Elektrophile Additionen an das Bicyclo[1.1.0]butan‐System von 1‐Phenyl‐ und 1‐(4‐Anisyl)tricyclo[4.1.0.02,7]heptan: Säure‐katalysierte Reaktionen mit Wasser und Methanol, Anlagerung von Essigsäure und Oxymercurierung

Abstract

Electrophilic Additions to the Bicyclo[1.1.0]butane System of 1‐Phenyl‐ and 1‐(4‐Anisyl)tricyclo[4.1.0.02,7]heptane: Acid‐Catalyzed Reactions with Water and Methanol, Addition of Acetic Acid, and Oxymerucuration1‐(4‐Anisyl)tricyclo[4.1.0.02,7]heptane (37) was prepared from 1‐(4‐anisyl)cyclohexene, tetrabromomethane, and methyllithium in a one‐pot reaction.
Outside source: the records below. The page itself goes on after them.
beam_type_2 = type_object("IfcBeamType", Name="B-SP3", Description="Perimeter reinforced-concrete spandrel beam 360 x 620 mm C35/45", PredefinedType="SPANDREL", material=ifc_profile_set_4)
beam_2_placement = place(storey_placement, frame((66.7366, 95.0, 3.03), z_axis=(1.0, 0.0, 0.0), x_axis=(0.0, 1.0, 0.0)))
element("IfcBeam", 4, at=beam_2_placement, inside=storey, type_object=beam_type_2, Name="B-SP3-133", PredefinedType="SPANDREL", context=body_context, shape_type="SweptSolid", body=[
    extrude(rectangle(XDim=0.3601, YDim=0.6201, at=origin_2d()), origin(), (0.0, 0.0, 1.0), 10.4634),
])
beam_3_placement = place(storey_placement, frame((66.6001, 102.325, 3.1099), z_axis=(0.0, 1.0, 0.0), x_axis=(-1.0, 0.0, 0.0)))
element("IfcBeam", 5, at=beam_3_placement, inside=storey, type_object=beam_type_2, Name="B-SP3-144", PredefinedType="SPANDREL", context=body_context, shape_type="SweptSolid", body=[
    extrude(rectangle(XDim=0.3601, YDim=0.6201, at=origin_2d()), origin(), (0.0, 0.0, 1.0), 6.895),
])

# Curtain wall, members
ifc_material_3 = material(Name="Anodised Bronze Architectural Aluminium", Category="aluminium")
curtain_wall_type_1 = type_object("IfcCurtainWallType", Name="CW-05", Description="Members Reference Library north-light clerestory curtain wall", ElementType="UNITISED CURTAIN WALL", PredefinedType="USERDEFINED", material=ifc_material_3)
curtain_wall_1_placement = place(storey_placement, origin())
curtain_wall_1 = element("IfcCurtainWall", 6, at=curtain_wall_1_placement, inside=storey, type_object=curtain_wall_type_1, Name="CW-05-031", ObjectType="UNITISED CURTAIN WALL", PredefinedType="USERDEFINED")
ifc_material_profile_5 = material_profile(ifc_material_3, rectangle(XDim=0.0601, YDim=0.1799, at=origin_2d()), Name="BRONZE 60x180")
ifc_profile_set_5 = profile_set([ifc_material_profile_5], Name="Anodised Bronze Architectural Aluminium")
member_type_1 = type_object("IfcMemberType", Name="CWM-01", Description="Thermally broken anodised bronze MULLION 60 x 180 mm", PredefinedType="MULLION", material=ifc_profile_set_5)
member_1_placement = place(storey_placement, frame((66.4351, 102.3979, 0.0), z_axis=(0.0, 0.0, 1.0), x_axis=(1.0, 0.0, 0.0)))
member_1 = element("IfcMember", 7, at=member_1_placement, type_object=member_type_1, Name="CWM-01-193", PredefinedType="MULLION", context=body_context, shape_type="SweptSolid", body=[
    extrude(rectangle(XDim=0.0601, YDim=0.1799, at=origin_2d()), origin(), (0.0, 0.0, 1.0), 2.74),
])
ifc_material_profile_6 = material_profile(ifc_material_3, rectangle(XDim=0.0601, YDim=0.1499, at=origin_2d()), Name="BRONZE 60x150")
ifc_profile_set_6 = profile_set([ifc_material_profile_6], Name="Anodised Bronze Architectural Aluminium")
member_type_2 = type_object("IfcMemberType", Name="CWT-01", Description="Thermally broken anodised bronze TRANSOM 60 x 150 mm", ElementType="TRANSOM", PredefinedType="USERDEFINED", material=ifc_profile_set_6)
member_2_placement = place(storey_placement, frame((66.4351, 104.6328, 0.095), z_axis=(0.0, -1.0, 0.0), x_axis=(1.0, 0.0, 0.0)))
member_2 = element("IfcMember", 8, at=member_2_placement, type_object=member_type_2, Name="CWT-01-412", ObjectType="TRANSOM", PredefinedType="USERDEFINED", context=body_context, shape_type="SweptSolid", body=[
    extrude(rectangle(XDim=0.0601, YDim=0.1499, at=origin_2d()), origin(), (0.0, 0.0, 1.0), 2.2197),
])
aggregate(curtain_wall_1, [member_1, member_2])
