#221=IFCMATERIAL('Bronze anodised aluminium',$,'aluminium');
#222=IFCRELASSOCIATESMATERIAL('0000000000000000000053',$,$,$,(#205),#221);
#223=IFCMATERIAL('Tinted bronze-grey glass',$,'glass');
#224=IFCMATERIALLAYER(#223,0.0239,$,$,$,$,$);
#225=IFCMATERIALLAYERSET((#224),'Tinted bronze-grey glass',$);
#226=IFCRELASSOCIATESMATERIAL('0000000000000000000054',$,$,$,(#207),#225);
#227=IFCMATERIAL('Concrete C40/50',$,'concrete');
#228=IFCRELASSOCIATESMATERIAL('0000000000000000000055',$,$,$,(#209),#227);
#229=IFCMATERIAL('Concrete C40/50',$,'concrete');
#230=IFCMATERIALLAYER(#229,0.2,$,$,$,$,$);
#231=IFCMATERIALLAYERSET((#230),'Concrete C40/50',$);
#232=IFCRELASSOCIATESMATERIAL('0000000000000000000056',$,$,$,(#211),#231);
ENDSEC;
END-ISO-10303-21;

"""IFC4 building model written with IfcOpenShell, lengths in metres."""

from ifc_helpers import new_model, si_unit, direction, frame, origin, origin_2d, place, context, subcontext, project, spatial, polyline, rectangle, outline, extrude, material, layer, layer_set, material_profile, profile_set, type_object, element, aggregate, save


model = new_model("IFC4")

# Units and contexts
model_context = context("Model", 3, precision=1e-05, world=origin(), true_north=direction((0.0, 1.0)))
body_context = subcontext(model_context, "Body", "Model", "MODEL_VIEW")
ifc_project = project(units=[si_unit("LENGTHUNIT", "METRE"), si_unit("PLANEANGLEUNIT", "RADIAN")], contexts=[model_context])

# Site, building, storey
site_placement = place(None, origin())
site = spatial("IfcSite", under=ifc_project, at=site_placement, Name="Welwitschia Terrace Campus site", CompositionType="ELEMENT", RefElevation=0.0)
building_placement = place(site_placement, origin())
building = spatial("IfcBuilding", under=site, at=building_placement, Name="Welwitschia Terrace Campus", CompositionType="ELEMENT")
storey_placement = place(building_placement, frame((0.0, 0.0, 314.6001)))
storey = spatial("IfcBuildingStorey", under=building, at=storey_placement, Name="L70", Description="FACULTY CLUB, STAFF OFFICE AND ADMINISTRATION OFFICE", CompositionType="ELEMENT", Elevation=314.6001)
Starting from 37 and the analogous phenyl compound 19, the oxymercuration/demercuration sequence provided the exo‐6‐aryl‐endo‐6‐norpinanols 30a and 20a, respectively. By reaction with triphenyl‐stannane, the bromo compound 27a was converted into endo‐6‐phenyl‐exo‐6‐norpinanol 28a. Treatment of 19 with aqueous sulfuric acid led to a mixture of the alcohols 20a–25a. Mixtures of a very similar composition were obtained on hydrolysis of the 3,5‐dinitrobenzoates 20b and 28b of 20a and 28a in 80% aqueous acetone. Kinetic measurements revealed the same rate for the hydrolysis of 20b and 28b. The proof of the presence of 20a among the products of the reactions of 19, 20b, and 28b showed the intermediacy of an unrearranged cation, to which the classical structure 16 is ascribed. That acetic acid is too weak a nucleophile to intercept 16 follows from the structure of the adducts to 19. All of them (21b, 22b, 25b, 26b) have rearranged skeletons. In contrast, the stronger nucleophile methanol trapped 16 more efficiently than water to give the diastereomeric 6‐norpinyl methyl ethers 20d and 28d. The reaction of 37 with acetic acid and 10−4 M hydrochloric acid as well as the hydrolysis the 3,5‐dinitrobenzoate 30c of 30a produced mainly the diastereomeric 6‐norpinyl acetates 30b and 31b and 6‐norpinanols 30a and 31a, respectively. Whereas the protonation of 19 and 37 gives the classical cations 16 and 17, respectively, the oxymercuration of these substrates results in the generation of the nonclassical cations 44 and 46. This was concluded from the configuration of the demercuration products 20a and 30a and the absence of the diastereomers 28a and 31a.